A typical gel for the analysis of the primer extension reactions, performed with a CEVd.188 transcript starting at position 94 in the presence of an oligonucleotide complementary to positions 276 to 258 of the lower region, is illustrated in Fig. 2A. The intensity of each band was subsequently analysed using SAFA software (Laederach et al., 2008), and is shown in histogram form in Fig. 2B. In the present case, there was no significant difference observed when the reactions were performed in the absence or presence of MgCl2 (compare the top and bottom graphs in Fig. 2B). The flexible nucleotides (i.e. those located mainly in single‐stranded regions) were those showing the higher intensities, and vice versa (Fig. 2C).
According to the method developed by Deigan et al. (2009), SHAPE data can be incorporated into RNAstructure software (Reuter and Mathews, 2010). In this case, SHAPE data are converted into a pseudo‐free energy change and are used in conjunction with conventional nearest‐neighbour parameters to predict RNA secondary structure. In other words, the structural study is not solely based on a thermodynamic approach, but also includes biochemical data, which significantly increases the accuracy of the results and provides an experimental correction to the conventional nearest‐neighbour parameters. In the present case, all flexible residues were found to be located in single‐stranded regions, although they did not all react efficiently with the BzCN reagent. Moreover, a certain number of single‐stranded nucleotides were observed not to react with the chemical reagent.

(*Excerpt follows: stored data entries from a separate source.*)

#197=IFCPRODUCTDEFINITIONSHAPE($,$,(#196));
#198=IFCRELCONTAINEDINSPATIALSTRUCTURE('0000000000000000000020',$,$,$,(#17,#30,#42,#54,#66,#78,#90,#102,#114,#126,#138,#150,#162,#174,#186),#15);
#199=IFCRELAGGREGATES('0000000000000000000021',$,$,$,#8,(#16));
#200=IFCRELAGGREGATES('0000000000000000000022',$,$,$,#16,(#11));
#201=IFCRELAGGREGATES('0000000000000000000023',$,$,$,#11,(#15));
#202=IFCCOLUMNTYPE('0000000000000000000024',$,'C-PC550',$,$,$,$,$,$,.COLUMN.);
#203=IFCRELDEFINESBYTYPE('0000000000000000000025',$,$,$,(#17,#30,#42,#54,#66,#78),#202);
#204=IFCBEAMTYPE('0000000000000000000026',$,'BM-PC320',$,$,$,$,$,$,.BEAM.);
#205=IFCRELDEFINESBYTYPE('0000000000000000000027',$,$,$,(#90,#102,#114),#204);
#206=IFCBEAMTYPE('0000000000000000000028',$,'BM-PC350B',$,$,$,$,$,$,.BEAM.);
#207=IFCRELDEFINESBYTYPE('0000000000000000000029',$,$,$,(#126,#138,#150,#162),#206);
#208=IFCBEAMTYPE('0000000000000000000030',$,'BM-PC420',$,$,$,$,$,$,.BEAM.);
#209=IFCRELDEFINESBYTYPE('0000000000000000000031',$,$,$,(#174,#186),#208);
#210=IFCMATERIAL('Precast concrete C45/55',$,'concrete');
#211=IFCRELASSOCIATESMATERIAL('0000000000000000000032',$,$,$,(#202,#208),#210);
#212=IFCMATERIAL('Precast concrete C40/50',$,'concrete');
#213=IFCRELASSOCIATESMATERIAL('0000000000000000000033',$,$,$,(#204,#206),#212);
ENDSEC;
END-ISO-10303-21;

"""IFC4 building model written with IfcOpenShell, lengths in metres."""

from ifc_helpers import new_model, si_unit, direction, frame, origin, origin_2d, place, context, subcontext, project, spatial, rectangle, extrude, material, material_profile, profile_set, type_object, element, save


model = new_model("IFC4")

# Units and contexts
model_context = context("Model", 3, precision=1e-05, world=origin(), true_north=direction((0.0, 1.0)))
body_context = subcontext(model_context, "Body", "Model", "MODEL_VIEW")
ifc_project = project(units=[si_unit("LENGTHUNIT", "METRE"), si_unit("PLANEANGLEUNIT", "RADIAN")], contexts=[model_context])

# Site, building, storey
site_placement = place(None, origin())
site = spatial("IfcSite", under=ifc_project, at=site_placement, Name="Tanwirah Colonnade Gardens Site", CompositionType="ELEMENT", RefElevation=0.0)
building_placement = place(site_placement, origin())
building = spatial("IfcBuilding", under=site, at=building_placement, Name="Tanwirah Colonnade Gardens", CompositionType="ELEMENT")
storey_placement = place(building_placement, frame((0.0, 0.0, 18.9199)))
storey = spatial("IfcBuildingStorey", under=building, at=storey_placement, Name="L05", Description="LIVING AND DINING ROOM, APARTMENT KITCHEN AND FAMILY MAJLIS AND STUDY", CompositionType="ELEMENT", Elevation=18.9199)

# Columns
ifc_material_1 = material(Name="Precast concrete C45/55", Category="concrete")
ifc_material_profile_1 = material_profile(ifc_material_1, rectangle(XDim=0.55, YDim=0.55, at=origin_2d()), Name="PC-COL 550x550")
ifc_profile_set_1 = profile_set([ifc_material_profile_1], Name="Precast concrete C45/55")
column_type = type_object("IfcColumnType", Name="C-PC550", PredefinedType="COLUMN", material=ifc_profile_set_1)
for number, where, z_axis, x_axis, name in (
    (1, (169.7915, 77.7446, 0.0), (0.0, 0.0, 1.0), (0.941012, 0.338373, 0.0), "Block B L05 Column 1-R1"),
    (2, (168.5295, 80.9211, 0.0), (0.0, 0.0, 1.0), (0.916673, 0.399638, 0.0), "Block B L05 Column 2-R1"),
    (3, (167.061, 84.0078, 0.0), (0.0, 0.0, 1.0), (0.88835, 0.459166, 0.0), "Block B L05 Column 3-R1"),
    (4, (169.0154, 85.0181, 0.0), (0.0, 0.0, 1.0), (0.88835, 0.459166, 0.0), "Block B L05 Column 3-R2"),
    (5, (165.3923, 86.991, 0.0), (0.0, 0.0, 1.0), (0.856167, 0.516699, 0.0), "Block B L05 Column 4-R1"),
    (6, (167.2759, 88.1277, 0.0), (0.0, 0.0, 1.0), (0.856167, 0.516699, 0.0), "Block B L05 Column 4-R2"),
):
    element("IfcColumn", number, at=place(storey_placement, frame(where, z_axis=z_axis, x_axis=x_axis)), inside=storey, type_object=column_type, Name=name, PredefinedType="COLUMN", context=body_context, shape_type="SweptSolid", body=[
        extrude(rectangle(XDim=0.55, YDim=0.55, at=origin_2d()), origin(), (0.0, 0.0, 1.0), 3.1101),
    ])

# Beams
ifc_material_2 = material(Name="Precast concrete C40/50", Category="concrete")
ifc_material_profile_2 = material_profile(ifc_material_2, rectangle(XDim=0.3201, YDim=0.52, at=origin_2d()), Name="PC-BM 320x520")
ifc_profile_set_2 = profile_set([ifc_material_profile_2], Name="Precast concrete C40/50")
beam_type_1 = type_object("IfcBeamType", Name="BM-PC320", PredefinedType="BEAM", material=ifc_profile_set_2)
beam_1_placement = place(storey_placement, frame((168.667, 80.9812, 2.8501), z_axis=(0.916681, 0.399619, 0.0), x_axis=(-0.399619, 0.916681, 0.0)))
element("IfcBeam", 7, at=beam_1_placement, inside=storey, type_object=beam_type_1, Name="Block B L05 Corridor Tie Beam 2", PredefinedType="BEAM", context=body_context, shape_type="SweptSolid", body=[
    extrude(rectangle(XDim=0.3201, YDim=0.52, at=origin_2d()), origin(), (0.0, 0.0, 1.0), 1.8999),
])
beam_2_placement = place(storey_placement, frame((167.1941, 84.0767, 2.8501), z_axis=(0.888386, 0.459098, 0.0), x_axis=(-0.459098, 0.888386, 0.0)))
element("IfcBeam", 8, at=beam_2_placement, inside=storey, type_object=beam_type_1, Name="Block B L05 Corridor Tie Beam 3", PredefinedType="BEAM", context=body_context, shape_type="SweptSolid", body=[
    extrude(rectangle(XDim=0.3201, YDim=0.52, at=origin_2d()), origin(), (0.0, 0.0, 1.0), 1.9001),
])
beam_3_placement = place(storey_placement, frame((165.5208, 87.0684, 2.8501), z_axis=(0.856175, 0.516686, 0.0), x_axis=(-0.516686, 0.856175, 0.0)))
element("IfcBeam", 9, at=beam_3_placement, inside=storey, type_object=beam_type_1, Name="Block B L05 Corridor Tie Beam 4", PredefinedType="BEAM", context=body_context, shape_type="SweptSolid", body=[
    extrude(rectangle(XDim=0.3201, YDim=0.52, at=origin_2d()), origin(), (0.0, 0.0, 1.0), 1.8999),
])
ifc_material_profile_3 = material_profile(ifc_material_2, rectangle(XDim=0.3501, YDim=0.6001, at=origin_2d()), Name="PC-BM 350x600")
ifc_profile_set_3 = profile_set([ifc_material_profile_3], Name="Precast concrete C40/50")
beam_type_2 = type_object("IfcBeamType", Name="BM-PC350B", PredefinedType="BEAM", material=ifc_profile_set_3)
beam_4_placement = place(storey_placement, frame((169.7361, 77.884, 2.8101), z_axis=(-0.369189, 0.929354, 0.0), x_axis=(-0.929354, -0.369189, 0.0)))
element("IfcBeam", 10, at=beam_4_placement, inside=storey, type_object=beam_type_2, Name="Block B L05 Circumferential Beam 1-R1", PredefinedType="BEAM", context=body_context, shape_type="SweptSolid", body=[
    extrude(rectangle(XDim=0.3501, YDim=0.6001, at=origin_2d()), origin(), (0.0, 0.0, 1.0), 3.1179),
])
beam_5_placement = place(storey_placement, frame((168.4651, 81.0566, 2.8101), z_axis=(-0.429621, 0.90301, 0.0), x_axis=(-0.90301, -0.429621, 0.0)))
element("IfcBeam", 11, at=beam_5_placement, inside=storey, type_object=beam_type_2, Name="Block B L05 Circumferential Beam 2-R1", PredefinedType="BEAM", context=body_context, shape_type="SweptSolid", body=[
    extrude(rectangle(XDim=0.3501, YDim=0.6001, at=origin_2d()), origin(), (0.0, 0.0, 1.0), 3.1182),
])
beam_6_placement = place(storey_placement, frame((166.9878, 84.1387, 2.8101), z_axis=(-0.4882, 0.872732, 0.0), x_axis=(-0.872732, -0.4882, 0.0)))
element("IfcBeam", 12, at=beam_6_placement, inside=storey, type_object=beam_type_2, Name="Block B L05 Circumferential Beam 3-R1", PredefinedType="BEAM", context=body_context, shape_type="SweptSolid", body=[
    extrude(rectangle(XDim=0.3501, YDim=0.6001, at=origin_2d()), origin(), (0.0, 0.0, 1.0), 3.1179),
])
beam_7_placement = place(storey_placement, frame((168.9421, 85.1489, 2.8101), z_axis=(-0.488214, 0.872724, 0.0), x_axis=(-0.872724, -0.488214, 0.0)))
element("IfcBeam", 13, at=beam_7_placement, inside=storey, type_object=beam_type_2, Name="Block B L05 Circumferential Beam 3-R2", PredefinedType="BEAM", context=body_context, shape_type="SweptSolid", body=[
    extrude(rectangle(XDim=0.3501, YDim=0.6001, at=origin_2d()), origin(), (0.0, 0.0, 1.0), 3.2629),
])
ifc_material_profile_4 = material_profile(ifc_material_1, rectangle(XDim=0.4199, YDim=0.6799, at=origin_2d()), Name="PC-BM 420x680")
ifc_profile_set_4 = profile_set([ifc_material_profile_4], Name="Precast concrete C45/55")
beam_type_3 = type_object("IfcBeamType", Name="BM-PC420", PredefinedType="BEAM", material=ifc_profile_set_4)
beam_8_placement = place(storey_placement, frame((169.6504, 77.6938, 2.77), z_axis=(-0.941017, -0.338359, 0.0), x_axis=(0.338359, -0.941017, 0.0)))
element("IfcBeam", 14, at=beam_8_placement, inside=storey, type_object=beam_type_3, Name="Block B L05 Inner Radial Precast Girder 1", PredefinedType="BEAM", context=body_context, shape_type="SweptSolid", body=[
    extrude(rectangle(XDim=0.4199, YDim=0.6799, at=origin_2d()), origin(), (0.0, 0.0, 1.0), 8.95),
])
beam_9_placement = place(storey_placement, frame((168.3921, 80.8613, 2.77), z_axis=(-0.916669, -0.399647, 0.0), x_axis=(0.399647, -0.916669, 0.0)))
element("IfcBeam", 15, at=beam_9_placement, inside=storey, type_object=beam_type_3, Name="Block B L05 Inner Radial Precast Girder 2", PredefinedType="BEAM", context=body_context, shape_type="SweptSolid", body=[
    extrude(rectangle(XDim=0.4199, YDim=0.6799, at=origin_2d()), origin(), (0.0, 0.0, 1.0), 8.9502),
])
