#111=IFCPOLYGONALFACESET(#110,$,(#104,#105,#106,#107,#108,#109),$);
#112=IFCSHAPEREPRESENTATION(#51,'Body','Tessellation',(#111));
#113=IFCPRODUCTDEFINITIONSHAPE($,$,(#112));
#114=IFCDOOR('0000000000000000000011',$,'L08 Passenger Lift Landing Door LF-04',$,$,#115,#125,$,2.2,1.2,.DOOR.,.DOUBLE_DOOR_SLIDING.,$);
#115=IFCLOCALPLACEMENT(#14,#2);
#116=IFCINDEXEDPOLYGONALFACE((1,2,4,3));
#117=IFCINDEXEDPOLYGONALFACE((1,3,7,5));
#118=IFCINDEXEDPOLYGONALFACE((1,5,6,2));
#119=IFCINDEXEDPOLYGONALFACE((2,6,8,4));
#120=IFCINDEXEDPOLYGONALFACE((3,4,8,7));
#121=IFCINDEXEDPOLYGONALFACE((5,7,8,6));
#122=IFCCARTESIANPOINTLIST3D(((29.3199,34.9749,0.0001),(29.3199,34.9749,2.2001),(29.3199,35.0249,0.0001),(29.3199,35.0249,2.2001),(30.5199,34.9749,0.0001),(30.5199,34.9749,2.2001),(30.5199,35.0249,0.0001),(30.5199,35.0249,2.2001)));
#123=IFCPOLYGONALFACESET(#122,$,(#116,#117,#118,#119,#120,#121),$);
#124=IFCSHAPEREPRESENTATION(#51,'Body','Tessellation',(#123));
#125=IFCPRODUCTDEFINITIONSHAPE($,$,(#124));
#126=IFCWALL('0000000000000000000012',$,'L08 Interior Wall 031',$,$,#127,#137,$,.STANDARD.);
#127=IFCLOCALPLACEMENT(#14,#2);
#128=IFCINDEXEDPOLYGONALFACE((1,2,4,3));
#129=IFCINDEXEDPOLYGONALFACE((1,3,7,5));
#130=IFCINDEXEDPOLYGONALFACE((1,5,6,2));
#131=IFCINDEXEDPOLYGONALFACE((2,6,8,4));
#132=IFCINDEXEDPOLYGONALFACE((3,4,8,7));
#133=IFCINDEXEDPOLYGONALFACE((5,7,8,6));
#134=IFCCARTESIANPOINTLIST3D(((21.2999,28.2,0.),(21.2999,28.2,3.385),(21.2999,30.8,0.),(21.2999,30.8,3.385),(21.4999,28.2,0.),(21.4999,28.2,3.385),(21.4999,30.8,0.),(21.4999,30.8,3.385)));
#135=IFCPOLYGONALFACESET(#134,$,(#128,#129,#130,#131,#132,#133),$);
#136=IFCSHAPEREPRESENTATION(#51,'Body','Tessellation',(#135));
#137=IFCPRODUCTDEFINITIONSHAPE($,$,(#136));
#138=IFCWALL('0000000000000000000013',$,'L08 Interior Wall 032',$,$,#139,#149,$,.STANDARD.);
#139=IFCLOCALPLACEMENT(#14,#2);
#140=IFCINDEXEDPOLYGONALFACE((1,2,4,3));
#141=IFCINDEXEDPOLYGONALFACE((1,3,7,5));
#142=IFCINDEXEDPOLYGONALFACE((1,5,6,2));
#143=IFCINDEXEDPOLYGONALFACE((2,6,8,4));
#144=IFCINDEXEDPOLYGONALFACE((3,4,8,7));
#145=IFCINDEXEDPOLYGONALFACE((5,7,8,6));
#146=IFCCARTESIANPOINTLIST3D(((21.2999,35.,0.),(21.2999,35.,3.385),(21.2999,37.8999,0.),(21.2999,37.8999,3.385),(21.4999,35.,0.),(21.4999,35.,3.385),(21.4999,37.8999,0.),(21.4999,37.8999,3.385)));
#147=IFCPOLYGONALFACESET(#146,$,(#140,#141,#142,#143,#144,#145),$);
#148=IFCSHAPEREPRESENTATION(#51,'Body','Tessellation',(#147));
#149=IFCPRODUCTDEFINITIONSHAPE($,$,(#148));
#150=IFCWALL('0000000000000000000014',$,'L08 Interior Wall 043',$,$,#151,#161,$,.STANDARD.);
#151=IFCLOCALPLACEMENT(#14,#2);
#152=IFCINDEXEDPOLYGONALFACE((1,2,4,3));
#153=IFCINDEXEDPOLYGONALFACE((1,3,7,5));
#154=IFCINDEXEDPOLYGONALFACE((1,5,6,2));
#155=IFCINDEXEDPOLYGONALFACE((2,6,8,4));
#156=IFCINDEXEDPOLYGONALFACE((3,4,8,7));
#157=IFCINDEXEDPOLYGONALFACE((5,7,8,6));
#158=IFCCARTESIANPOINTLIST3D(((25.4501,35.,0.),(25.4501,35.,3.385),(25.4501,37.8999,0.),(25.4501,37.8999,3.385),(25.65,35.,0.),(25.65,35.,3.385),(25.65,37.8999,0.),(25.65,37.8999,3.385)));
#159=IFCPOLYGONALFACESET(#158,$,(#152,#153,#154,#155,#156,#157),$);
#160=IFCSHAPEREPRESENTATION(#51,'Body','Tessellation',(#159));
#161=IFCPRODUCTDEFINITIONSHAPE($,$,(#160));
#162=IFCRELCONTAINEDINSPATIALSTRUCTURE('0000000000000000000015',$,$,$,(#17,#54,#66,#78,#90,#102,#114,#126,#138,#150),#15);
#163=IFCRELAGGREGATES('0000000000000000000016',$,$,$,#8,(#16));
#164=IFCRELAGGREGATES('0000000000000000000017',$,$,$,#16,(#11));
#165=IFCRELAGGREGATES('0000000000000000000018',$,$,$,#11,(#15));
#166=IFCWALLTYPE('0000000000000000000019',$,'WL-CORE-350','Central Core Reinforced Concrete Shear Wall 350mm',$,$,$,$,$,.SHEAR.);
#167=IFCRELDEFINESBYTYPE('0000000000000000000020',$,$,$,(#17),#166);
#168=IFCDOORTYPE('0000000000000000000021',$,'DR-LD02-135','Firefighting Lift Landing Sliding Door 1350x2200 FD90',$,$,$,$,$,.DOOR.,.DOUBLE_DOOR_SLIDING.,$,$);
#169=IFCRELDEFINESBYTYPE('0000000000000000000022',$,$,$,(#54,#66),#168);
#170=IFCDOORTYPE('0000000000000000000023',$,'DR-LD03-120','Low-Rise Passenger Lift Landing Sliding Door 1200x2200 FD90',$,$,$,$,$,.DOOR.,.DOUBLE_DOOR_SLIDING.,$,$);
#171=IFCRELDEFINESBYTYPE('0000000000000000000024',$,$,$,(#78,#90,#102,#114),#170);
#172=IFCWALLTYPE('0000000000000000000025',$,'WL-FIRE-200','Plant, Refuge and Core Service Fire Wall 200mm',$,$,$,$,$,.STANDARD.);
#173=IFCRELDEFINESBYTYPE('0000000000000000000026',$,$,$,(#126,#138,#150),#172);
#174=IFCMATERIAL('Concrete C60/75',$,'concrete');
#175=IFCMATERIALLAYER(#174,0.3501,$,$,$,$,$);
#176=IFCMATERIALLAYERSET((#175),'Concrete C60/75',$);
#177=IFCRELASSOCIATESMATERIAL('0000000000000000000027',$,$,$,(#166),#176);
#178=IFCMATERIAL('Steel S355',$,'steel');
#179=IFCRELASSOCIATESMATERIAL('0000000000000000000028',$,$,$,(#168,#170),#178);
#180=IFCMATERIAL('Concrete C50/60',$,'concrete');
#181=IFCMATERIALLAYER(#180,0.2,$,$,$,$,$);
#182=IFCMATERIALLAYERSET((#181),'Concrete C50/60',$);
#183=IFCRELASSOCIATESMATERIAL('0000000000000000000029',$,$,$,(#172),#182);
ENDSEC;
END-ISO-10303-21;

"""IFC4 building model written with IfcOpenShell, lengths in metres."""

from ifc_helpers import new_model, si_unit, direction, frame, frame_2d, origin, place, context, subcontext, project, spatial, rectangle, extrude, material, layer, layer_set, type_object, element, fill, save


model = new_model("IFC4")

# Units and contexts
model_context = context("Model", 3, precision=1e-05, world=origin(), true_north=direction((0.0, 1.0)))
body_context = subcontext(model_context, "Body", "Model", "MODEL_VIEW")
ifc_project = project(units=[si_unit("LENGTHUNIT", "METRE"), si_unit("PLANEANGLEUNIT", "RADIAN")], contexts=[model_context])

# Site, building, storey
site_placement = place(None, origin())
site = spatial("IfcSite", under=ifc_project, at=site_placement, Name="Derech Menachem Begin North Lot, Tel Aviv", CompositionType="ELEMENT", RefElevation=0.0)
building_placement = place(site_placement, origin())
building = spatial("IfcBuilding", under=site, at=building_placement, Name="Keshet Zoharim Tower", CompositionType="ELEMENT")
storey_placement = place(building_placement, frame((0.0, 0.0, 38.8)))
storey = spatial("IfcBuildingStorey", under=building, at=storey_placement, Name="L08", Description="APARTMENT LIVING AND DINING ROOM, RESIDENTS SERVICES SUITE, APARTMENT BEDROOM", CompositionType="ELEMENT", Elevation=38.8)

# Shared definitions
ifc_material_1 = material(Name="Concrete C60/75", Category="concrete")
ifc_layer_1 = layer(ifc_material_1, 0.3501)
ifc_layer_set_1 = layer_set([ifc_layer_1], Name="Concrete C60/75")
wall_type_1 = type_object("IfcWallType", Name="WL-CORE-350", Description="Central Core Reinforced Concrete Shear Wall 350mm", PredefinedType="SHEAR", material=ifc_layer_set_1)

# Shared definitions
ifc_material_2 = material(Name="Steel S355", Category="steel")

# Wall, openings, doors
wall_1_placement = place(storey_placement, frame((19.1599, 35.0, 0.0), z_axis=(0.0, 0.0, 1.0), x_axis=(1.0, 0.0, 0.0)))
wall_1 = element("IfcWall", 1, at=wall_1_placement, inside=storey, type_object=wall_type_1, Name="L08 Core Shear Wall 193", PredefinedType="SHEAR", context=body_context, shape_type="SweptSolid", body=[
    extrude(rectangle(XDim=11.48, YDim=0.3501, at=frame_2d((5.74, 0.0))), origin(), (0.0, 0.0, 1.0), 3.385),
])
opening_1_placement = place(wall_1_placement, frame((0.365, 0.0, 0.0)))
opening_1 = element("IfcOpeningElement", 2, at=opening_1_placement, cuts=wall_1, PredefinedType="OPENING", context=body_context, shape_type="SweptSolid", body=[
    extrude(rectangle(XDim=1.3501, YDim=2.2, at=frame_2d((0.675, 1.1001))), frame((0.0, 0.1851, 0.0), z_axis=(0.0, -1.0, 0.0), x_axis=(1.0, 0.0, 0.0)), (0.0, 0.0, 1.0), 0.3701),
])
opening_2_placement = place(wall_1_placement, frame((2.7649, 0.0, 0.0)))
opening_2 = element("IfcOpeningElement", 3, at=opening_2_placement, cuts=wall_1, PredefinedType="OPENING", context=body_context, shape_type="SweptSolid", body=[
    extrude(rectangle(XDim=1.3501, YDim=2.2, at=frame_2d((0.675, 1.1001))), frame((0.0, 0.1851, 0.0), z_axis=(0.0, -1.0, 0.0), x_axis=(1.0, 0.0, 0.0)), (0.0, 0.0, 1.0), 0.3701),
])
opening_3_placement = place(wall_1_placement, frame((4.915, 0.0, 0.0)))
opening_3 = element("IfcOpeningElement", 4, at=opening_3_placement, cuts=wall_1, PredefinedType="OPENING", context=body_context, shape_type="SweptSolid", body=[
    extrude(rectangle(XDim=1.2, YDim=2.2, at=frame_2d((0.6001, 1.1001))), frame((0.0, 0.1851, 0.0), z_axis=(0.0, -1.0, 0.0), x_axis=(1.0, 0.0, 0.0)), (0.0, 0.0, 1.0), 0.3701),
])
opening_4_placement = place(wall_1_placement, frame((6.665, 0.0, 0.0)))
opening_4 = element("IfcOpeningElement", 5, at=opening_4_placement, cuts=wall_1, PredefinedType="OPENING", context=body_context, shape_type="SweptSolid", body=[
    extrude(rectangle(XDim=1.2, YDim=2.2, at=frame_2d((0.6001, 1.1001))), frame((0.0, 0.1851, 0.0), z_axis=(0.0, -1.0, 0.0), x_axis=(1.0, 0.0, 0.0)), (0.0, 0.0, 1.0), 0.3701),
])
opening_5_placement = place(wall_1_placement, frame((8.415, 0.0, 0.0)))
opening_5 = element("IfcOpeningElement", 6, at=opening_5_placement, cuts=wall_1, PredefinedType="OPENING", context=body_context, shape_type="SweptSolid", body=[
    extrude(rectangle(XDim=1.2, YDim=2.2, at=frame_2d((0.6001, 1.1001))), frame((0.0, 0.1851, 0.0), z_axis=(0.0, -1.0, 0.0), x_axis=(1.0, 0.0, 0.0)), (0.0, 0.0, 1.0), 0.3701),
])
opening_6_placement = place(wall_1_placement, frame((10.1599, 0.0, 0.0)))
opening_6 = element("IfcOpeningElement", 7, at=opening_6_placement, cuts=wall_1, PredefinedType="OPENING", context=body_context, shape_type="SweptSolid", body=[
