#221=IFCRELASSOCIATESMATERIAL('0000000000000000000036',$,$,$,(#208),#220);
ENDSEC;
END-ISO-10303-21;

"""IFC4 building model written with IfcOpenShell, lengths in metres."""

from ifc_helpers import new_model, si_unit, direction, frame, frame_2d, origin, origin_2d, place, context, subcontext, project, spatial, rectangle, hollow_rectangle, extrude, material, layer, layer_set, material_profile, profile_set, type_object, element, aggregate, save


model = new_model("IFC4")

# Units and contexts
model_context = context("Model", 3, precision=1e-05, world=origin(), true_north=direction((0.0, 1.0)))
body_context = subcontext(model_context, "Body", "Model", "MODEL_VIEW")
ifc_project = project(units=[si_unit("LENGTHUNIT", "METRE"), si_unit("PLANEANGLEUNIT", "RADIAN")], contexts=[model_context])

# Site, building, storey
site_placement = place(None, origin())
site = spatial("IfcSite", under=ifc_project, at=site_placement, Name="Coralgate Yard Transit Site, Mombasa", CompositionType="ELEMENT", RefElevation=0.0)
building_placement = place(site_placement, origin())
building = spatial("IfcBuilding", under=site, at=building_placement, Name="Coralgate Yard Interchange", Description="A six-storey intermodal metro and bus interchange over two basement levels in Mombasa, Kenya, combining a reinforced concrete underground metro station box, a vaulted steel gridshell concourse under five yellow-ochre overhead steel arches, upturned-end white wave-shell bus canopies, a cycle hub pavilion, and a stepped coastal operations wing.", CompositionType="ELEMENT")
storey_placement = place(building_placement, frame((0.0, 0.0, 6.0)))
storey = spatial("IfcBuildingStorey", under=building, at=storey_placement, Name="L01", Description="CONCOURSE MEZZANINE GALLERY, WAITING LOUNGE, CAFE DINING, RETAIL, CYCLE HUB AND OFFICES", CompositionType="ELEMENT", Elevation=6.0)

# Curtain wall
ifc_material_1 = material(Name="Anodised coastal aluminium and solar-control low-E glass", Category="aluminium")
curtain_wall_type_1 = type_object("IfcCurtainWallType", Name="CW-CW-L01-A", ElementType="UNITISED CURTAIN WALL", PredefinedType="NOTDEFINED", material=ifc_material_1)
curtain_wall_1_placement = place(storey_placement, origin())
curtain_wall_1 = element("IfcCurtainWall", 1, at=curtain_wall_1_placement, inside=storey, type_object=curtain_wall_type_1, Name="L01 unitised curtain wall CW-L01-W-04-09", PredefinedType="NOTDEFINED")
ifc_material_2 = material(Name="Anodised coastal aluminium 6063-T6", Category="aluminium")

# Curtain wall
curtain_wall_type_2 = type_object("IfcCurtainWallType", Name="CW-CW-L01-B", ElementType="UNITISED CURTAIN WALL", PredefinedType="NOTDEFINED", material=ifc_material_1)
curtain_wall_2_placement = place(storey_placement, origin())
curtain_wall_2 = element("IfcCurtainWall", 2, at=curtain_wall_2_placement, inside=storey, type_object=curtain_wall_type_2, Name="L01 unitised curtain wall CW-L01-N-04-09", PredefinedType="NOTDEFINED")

Each primer extension reaction provided information on a region spanning approximately 100–125 nucleotides. Therefore, using several primers complementary to distinct regions located around the viroid, and by generating overlapping data to facilitate the integration of the reads, a total of three or four primers was required in order to completely cover a viroid's genome. More specifically, in the case of CEVd, the data from four primers were compiled and analysed together. All gels were analysed using the SAFA software (Laederach et al., 2008). The signals obtained from different primers for each variant were normalized to a uniform scale as reported by Low and Weeks (2010). Briefly, the 2% most reactive signals of all intensities taken together were removed from the pool, and the intensities of the next 8% most reactive were averaged. The intensity obtained for each nucleotide was then divided by this average value. This normalization step was performed manually using the Excel software program.
According to the approach described above, the CEVd.188 viroid (class A) has a long rod‐like secondary structure (Fig. 3A). The structure obtained differs slightly in the TL region from CEVd‐t, a class A viroid (Szychowski et al., 2005). In the latter variant, a Y‐shaped structure was proposed for this region; however, under the conditions used here, this structure was not detected. The TL region of this variant is more rod‐like than Y‐shaped. Even so, the two structures possess 79.2% structural identity when the percentage identity is evaluated by determining the number of mismatched nucleotides of the total number of nucleotides when the structure determined here is compared with those predicted previously. However, when the structure reported here is compared with that of CEV‐A, a previously described class A CEVd variant (Visvader and Symons, 1985, 1986), the two structures are quite similar, with 91.6% of the secondary structure being analogous. Exceptions are found only in the TL and P regions. The two other CEVd sequence variants (i.e. CEVd.189 and CEVd.190; described as being class B) also appear to fold into long rod‐like structures (Fig. 3B, C). The incorporation of SHAPE data into the software prediction did not reveal the presence of any complex secondary structures, such as either cruciform or Y‐shaped structures. Indeed, when the structures determined in this study were compared with that of CEV‐DE26, which has been classified as class B (Visvader and Symons, 1985, 1986), only 77.3% of the nucleotides were found to have the same structure. The rearrangements are found in every region, except for the C region, whose structure seems to be well conserved (data not shown).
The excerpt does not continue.